For consistency with the tables above, the program descriptions in LRA Sections A.2.1.30 and B.1.27 are revised to clarify that:
'The program will manage the following aging effects...
- Loss of bolted closure integrity due to stress relaxation (loss of preload)"
(NOTE: The text added for clarification is in italics.)
Clarification to LRA Section B. 1.28. Reactor Vessel Internals CASS The following statements in LRA Section B.1.28, Program Description, were intended to show how the Reactor Vessel Internal CASS Program will be consistent with NUREG-1801,Section XI.M13, Thermal Aging and Neutron Irradiation Embrittlement of CASS, with respect to disposition of cracks.

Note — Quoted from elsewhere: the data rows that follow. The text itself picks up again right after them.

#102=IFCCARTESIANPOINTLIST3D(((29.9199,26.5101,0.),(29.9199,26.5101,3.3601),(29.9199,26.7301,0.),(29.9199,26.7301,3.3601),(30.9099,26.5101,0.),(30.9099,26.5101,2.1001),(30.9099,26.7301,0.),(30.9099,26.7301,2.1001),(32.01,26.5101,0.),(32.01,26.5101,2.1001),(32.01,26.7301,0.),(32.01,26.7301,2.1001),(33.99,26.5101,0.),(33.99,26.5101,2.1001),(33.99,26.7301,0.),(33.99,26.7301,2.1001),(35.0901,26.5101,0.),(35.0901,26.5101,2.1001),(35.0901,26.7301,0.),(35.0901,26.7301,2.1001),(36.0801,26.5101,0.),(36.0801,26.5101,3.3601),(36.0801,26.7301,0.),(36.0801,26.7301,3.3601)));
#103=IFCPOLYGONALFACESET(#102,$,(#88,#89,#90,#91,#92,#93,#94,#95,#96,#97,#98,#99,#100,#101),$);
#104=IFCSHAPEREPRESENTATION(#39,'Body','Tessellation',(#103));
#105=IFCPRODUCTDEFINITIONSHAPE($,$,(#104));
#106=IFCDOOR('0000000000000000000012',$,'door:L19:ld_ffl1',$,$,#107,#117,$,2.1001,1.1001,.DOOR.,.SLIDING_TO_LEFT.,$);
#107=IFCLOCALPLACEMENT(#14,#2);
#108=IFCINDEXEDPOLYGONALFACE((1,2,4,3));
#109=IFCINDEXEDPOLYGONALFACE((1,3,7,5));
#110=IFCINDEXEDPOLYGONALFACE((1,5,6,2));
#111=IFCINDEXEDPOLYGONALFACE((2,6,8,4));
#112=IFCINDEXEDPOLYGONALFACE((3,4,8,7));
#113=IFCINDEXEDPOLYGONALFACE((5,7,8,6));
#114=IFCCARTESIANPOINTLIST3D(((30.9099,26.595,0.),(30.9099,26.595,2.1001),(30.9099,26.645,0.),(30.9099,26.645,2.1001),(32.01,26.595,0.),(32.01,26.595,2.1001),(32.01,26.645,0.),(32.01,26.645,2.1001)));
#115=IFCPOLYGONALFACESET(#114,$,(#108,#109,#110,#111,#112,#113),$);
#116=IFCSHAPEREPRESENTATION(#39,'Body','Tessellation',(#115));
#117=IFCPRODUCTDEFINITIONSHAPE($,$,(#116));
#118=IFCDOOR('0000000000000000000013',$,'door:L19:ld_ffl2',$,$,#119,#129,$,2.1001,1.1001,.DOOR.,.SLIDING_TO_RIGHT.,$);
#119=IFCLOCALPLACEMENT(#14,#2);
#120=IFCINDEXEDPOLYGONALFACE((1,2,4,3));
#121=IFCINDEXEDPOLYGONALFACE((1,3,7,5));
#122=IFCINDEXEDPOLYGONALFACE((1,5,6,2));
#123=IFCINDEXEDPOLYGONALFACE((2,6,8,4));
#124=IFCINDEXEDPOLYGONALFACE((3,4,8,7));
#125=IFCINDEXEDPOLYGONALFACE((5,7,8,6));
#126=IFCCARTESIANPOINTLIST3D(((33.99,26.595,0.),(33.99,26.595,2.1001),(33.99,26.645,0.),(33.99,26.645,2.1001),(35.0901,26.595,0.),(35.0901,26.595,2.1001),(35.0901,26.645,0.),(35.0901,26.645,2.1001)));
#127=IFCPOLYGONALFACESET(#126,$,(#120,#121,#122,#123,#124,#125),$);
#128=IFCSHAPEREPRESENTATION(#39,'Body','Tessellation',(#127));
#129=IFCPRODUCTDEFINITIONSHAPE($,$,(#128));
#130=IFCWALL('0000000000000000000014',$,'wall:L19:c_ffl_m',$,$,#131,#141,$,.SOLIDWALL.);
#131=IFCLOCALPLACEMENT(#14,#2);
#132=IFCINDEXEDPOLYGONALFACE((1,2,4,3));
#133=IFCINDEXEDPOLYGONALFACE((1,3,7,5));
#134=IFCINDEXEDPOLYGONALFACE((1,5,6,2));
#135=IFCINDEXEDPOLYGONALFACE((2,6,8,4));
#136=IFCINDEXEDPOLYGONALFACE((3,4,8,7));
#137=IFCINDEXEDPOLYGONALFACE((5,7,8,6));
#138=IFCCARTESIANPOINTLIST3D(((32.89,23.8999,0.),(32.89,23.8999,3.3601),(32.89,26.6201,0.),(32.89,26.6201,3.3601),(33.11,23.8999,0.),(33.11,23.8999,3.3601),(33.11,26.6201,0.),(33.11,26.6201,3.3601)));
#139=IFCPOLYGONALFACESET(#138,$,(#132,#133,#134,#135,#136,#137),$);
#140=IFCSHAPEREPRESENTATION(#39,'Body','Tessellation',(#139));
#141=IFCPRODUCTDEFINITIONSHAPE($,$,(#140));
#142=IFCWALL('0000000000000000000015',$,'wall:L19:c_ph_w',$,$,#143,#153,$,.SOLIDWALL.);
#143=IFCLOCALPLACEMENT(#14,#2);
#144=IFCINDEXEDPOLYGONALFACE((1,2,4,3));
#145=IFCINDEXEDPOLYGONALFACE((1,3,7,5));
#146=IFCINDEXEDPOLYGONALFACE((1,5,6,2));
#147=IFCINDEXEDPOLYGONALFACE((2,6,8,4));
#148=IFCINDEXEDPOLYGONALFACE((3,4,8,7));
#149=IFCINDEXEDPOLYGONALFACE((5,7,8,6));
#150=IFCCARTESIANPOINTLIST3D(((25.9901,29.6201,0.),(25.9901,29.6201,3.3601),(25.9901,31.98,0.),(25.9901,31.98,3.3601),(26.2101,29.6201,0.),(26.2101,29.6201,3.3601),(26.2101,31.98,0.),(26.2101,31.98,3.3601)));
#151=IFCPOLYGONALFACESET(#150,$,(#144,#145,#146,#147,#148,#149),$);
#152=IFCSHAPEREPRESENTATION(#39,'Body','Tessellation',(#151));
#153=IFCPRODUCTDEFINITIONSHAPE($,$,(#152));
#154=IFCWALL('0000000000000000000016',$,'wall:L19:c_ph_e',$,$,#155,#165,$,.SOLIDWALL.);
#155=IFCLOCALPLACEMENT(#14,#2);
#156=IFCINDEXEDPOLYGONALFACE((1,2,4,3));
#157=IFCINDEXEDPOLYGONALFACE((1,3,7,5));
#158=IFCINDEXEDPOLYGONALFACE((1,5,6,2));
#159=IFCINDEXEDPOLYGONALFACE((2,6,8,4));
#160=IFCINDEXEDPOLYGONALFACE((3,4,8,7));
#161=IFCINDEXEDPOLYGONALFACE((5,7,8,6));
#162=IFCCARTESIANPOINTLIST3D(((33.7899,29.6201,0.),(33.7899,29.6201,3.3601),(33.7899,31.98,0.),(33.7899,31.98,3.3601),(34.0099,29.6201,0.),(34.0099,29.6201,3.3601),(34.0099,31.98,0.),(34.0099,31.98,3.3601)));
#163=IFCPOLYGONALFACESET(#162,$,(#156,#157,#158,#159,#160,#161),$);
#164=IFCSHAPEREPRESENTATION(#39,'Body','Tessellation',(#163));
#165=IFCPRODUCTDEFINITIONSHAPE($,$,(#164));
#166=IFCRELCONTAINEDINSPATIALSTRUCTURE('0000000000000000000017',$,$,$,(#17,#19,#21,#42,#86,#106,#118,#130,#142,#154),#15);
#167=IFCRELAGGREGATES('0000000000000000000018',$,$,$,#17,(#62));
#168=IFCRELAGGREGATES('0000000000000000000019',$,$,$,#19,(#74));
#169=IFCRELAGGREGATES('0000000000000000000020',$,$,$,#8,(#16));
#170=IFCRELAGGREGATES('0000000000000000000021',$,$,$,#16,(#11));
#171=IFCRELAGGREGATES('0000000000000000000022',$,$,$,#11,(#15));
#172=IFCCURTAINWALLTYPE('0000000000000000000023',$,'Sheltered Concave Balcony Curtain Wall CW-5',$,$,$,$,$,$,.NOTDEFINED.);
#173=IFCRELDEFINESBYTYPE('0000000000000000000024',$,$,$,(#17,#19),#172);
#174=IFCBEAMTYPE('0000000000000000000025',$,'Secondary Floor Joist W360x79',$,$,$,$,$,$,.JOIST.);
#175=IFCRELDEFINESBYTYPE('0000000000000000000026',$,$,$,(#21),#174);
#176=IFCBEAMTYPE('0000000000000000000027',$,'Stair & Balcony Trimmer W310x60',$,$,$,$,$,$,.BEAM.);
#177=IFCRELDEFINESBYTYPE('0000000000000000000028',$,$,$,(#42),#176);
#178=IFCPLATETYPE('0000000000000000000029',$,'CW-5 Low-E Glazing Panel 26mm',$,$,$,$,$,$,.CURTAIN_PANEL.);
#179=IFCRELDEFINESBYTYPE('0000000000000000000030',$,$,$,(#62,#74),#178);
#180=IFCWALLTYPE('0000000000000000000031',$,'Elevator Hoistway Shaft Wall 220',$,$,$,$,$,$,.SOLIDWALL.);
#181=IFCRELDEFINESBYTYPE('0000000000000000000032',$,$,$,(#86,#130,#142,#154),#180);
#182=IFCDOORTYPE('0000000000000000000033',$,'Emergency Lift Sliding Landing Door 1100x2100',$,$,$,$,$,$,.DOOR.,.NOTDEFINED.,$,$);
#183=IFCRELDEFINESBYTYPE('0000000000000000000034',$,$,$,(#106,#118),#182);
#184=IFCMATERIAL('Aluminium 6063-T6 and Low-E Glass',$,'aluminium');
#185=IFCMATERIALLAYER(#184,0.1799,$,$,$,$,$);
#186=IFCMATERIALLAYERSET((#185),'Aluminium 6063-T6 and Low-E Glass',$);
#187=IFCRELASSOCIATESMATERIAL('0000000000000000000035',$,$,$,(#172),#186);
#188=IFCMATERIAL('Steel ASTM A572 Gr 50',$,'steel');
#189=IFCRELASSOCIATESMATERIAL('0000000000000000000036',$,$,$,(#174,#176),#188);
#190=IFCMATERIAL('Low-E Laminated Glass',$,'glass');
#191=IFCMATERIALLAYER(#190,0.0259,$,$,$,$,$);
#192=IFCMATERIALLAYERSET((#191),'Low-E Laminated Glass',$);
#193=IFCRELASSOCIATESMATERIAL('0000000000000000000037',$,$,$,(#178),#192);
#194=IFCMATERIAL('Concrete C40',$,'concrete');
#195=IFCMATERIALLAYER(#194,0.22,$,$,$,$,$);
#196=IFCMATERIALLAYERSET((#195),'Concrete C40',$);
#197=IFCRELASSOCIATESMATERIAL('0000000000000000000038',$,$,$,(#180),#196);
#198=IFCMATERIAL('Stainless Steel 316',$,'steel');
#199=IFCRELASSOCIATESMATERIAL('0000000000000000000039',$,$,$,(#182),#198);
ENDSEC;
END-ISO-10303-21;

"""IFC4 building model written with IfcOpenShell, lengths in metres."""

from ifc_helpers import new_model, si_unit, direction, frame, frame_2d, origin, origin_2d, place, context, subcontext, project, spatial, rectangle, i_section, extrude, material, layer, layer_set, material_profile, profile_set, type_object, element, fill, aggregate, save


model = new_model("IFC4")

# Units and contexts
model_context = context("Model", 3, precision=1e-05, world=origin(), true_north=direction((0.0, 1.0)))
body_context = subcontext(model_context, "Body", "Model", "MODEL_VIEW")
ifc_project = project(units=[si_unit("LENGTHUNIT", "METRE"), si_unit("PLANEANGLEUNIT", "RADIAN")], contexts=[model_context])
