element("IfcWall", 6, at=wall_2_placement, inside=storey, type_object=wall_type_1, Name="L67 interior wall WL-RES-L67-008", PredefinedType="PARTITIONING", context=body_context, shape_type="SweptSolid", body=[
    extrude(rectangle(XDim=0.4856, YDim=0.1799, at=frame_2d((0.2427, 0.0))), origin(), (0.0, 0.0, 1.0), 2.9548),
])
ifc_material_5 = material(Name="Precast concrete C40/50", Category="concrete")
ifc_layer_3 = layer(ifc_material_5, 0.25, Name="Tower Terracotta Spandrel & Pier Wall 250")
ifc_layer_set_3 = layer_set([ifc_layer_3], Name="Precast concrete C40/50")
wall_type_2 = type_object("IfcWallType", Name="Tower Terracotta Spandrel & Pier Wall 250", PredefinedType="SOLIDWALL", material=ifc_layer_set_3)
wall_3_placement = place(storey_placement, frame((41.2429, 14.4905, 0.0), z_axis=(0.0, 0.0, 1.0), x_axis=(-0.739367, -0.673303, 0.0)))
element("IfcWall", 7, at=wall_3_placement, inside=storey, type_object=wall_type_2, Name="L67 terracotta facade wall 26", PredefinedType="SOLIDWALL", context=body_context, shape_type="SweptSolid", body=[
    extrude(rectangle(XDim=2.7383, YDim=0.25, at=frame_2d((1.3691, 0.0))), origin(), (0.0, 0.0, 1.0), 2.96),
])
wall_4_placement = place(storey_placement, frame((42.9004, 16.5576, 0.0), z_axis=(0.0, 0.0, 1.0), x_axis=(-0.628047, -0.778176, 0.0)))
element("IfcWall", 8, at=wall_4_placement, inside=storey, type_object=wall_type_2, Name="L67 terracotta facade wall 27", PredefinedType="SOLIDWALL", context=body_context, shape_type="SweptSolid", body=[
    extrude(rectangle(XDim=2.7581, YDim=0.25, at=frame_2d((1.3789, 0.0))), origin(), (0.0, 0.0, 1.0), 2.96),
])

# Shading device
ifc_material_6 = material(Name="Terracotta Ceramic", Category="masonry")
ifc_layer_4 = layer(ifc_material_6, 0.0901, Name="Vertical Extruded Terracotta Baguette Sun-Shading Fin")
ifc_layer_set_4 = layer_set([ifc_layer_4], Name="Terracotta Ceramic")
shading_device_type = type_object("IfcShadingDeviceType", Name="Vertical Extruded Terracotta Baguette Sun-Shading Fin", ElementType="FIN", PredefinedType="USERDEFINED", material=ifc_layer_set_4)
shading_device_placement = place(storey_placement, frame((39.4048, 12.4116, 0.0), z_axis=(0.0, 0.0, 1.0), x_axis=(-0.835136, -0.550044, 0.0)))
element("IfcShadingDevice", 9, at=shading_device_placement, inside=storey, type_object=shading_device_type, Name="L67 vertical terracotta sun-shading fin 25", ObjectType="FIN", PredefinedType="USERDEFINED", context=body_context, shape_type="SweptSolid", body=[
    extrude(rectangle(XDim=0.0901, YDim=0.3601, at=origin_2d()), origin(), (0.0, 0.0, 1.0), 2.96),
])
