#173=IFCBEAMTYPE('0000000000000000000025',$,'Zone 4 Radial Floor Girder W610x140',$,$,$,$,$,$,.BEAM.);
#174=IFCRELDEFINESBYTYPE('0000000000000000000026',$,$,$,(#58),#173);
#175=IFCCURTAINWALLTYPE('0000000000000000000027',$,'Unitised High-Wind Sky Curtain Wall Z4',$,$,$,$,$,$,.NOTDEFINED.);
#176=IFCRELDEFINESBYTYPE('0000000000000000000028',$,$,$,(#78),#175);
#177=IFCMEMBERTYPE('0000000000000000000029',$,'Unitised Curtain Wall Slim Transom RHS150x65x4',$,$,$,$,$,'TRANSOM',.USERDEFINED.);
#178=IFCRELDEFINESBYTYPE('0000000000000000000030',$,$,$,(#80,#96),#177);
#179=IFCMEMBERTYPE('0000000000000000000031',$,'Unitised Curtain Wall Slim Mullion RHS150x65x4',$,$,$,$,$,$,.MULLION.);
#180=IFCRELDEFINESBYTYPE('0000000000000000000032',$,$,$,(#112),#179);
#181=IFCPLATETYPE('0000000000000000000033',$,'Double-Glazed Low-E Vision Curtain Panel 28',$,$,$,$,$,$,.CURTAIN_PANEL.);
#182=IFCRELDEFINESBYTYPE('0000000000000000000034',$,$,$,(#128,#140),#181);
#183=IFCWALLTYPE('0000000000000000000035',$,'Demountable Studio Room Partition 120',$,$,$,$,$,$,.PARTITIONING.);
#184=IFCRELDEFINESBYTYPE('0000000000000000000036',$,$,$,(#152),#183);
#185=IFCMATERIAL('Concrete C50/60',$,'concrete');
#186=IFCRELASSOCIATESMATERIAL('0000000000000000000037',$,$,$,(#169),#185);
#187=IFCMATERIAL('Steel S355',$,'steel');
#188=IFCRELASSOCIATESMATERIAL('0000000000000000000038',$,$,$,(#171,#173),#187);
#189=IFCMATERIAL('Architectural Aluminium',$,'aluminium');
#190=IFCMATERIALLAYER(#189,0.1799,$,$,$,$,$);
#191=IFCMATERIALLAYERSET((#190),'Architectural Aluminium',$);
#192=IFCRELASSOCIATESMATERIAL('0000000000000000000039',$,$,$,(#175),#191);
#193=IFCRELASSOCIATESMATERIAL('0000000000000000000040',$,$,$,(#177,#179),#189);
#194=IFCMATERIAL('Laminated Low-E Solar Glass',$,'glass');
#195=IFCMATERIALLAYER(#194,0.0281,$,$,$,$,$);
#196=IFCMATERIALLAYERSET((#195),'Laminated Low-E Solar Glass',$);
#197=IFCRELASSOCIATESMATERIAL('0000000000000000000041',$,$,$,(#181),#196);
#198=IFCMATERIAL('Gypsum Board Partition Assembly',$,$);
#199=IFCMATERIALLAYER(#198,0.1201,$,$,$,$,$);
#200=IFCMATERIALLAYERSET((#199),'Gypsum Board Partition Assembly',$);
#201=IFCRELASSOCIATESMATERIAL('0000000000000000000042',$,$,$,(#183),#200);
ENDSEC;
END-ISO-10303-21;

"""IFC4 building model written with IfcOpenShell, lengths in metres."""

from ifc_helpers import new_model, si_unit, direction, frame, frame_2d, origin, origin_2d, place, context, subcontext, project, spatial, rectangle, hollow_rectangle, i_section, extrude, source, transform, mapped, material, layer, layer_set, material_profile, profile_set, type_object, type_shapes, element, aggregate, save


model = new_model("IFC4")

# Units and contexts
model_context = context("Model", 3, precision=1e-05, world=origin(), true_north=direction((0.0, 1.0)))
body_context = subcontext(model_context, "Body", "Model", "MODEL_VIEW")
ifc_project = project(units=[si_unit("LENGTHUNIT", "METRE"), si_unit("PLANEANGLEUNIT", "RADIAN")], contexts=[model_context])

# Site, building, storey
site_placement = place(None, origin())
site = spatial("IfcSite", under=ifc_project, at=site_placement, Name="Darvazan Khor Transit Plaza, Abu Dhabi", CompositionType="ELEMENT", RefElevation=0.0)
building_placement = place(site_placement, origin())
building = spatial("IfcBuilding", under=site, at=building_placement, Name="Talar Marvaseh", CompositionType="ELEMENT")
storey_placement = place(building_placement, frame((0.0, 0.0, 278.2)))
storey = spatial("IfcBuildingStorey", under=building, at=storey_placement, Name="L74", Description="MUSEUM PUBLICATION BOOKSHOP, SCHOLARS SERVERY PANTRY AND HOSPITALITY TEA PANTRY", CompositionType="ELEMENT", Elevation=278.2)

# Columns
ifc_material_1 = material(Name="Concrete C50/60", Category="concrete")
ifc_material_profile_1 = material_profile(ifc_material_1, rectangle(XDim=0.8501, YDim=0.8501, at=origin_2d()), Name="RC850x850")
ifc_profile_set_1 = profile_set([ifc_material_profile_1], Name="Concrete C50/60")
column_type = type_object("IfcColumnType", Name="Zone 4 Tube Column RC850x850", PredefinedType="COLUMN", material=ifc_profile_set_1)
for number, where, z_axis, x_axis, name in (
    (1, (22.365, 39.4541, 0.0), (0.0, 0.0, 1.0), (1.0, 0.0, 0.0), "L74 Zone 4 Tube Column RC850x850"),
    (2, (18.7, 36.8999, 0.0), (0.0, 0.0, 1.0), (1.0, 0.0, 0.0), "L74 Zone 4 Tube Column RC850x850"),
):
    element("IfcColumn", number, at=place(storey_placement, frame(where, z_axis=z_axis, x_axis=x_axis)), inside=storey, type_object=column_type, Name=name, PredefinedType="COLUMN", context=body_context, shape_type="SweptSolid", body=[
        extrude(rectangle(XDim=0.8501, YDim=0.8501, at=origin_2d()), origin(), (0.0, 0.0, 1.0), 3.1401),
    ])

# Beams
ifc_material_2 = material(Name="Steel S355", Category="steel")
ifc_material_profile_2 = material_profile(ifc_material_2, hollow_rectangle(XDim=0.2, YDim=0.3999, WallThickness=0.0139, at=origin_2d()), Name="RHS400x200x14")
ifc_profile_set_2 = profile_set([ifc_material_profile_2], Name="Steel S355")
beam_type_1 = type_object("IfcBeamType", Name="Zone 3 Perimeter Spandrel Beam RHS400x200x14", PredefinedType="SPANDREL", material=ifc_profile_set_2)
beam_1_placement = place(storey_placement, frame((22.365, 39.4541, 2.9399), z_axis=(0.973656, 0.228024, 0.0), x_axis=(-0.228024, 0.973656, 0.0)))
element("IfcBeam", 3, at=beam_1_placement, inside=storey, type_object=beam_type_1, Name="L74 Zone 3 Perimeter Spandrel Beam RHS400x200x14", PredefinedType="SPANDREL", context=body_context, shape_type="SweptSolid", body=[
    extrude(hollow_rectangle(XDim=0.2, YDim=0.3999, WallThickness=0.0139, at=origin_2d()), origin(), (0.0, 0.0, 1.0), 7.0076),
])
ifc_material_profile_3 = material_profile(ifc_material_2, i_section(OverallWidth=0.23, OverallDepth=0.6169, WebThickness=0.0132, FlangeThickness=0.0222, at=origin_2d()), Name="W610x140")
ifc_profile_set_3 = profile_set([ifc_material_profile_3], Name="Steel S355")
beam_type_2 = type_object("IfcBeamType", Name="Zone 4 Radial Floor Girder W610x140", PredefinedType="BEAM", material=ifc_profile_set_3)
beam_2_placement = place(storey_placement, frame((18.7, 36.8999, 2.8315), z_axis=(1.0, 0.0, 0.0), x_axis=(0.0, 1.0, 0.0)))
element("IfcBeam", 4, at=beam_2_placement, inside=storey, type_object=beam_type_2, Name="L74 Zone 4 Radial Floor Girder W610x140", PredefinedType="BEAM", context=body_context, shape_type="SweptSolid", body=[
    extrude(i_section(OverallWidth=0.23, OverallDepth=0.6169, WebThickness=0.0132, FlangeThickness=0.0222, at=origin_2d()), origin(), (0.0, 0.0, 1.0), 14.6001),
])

The last sentence in the second paragraph states that "The program will detect and manage cracking, reduction of fracture toughness, and dimensional changes." Management of cracking includes evaluation and disposition of identified cracks.
The third paragraph discusses monitoring propagation of existing flaws since reduction of fracture toughness affects flaw growth versus flaw detection.
Clarification to LRA Section B.1.34. Structures Monitoring - Divider Barrier Seal Inspection Clarification is provided to address the method used to monitor a change in material properties of the elastomeric pressure seals through visual examinations.
The phrase "change in material properties" was intended to convey a visual inspection to ensure the absence of apparent deterioration (i.e., cracks or defects in the sealing surfaces) as discussed in the implementing procedures. Changes in other material properties are not monitored or inspected.